Computer programs automated by artificial intelligence are able to simplify large amounts of data and be able to give solutions to previously encountered problems. Therefore machine learning empowers computers with the ability to learn with ease without being programmed.
With this kind of technology, many industries have advanced to higher levels, and also act as a major source of revenue from automotive to health sectors. Though machine learning has not well been adopted in investment
companies of which its role would have geared into potential and important investment decisions.
How Algorithms improve continuously
Machine learning propels major discovery projects, and also have the ability to continuously and systematically improve as they get exposed to more volumes of data. Also machine learning is able to perform following tasks on traditional levels;
1. Selection of models
2. Cleaning of data
3. Clustering data into various clusters, among others.
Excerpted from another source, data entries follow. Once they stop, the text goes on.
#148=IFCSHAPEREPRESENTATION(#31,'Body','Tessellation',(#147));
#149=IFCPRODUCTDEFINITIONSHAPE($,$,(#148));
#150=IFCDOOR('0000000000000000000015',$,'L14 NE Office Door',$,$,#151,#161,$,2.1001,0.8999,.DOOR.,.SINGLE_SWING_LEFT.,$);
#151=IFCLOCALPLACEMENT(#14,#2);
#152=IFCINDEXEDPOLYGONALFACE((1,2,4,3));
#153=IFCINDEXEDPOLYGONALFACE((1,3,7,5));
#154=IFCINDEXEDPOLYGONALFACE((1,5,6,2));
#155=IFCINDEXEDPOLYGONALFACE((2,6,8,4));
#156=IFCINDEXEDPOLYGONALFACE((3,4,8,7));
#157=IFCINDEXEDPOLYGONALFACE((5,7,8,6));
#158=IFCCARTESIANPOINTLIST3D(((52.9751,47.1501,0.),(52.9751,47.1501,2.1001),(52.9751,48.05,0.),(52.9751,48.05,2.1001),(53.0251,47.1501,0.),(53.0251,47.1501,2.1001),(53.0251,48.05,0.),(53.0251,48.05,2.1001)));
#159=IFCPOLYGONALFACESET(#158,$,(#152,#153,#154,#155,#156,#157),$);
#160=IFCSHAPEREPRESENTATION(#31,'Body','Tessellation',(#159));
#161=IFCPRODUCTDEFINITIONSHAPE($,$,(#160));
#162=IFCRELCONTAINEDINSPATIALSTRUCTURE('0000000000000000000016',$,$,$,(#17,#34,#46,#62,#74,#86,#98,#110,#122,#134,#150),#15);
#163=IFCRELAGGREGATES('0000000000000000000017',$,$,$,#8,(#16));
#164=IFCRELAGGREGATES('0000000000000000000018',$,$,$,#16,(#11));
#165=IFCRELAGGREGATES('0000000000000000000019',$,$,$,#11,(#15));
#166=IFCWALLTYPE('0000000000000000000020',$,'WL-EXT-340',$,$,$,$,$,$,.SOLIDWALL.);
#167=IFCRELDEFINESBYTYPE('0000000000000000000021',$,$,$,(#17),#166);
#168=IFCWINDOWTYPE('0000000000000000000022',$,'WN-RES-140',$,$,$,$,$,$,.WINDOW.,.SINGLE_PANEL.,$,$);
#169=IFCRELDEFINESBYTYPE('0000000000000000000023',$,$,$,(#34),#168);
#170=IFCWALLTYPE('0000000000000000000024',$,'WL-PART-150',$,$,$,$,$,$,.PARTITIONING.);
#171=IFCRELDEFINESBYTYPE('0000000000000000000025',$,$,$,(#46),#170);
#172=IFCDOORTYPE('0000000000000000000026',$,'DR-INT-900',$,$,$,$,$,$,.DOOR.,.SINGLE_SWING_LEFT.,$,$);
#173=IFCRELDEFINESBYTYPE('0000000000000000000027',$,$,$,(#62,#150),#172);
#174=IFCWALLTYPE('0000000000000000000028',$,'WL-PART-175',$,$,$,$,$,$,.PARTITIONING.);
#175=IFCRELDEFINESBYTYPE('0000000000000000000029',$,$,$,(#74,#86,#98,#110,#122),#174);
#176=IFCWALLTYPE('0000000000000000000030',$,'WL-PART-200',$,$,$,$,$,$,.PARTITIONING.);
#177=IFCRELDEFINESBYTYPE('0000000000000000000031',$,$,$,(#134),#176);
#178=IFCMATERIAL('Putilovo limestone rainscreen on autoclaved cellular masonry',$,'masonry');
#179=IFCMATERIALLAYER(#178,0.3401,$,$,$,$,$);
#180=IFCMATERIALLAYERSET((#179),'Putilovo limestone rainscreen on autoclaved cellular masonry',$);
Algorithmic techniques, deep research and learning has seen many breakthroughs in technology .This has seen creation and improvement of language translation, speech recognition, and image recognition.
Big companies e.g. Google, Facebook and Amazon has embraced this method as it is stunning, accurate and fast which has seen them extend their incomes.
How investment managers are affected
In a different look, machine learning will transform Investment strategies laid by investment administrators. All managers will have the ability to acquire data originally synthesized via machine learning. Other managers will use new data sources that will also have the ability to use machine learning and conquer over fitting.
Over fitting is when scientists set a number of their favorite parameters using their own methods and function utilities, it can also be described as patterns that are not there.
Investment managers need to be alert as an over fitted strategy ends up underperforming in the future. Managers mostly find themselves as quants and may be less aware of it.
How to deal with over fitting
– should use a range of models instead of relying one set.
-They should also monitor rejection rate strategies through review process.
– Make it a habit to consider various model stabilities under parameter variations before putting into use.
-penalize models for complexity.
An effective way for an investor to monitor a company deals is by reducing over fitting by analyzing its culture. A company in an environment that has high tolerance for failure in research likely produces less over fitted results
Machine learning in Finance
Machine learning has been a success before services of search engines, app banking and chat bots. Only a few industries are ideal for artificial intelligence given high volumes and the quantitative nature of the financial world. Machine learning plays two key roles in this sector;
1. To identify crucial insights in data
2. Prevent any occurrence of fraud
This way most investors are able to know when to do trading.
Here machine learning is applied by government agencies in a particular way e.g. analyzing data, it increasing efficiency and saving a lot of cash. It also helps to detect fraud and reduce theft incidences. However finance is not the only one facing challenges posed by over fitting it’s common in science.
Most known machine learning methods
1. Learning under supervision
2. Learning under no supervision
3. Semi supervised learning
4. Reinforcement learning
Automated Machine Learnings Tools;
1. Data Robot Auto
3. Auto weak
In any case, beyond learning, educating is a mind social association. This implies teachers can rest guaranteed that robots won’t be replacing them at the moment. The AI will rather help them in ending up plainly better at their work. Regardless we have approaches to go before learning companion turn into a reality. You can be sure that, the quick pace at which AI is picking up footing in training messengers a promising future.